In this work, we study the nonlinear radiation responses of two different n-type bulk semiconductors, i.e., InSb and InAs in a high THz field by using the ensemble Monte Carlo method. We also calculate the electron valley occupancy and the percentage of new electrons excited by impact ionization. The results show that firstly, the radiation frequencies in different-strength THz fields have different characteristics. Low field radiation is linear with respect to the outfield, while intense THz excitation beams trigger higher THz frequency radiations, indicating harmonic generation. The periodic regular distribution is present in the frequency spectrum. Moreover, there are different scattering mechanisms in different materials. The impact ionization dominates in n-doped InSb, while impact ionization and intervalley scattering work together in n-doped InAs. This result is consistent with the experimental result of Ho and Zhang.^[17] Finally, the peak value of each new frequency is actually due to the different nonlinear mechanisms. The band nonparabolicity and impact ionization promote the generation of nonlinear high frequency radiation, while intervalley scattering performs in the opposite way.
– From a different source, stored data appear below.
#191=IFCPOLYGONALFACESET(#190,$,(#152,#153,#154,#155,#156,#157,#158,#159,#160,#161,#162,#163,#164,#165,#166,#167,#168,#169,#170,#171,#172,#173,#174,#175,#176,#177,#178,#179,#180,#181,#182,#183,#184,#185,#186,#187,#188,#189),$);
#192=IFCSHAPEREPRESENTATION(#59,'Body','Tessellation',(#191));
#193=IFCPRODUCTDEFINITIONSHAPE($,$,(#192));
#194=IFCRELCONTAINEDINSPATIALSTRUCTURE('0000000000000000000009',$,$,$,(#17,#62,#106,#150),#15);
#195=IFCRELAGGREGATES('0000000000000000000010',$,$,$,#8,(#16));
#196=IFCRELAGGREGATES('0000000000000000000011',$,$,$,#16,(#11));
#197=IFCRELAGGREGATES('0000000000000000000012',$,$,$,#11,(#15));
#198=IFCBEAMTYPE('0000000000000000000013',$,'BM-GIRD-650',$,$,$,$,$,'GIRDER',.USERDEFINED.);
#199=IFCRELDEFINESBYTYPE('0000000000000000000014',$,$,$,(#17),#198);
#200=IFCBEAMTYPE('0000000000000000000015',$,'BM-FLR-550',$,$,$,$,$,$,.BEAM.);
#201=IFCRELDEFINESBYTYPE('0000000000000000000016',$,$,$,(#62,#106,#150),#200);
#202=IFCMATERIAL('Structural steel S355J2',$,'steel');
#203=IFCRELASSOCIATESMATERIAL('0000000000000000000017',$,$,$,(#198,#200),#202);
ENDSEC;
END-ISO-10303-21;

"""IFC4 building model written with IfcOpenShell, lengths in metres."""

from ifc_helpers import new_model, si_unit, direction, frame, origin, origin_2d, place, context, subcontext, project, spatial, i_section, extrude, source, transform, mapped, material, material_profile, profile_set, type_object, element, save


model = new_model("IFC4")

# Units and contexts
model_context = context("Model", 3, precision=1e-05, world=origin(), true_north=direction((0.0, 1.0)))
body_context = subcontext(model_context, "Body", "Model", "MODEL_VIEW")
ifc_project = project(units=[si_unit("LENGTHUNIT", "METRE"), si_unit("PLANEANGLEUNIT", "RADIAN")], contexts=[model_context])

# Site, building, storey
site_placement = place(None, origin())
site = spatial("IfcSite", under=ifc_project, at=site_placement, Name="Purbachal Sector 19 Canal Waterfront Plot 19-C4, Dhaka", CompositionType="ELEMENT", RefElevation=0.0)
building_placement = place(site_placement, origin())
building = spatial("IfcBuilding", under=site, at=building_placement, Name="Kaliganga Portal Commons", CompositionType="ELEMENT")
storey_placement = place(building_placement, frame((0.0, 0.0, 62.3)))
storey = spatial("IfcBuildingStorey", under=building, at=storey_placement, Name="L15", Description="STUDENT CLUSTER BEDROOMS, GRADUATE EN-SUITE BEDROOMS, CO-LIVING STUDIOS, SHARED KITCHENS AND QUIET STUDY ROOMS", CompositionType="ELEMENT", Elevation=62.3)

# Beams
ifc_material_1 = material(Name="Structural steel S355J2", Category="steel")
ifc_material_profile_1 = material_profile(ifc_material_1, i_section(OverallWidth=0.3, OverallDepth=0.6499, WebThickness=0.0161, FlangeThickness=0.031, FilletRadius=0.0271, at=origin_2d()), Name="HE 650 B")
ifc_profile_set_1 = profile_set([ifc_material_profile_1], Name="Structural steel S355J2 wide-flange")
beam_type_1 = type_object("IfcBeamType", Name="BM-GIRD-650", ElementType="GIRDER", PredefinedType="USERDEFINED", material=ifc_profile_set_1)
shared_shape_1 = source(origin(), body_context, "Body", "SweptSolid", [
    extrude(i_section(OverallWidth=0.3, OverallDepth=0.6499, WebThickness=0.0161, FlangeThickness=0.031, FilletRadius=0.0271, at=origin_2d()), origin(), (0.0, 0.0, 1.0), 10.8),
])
The results of the work have potential values in up-convension of THz wave and THz nonlinear frequency multiplication field. In the simulation, the factors which do not influence the result analysis are normalized, and the results are relative values. Future calculations can be considered to improve the model to obtain the absolute value of the far-field THz radiation, so the energy conversion efficiency can be calculated. If the submicron-size materials are studied, the small-size effect and boundary conditions will result in the rapid change of the internal electric field and a series of much more complex nonlinear effects. In this case, the electric field should be updated by using the Poisson equation. In addition, we can also study the carrier dynamic effects of higher band gap materials like GaAs and CdTe in the high THz field by using this method.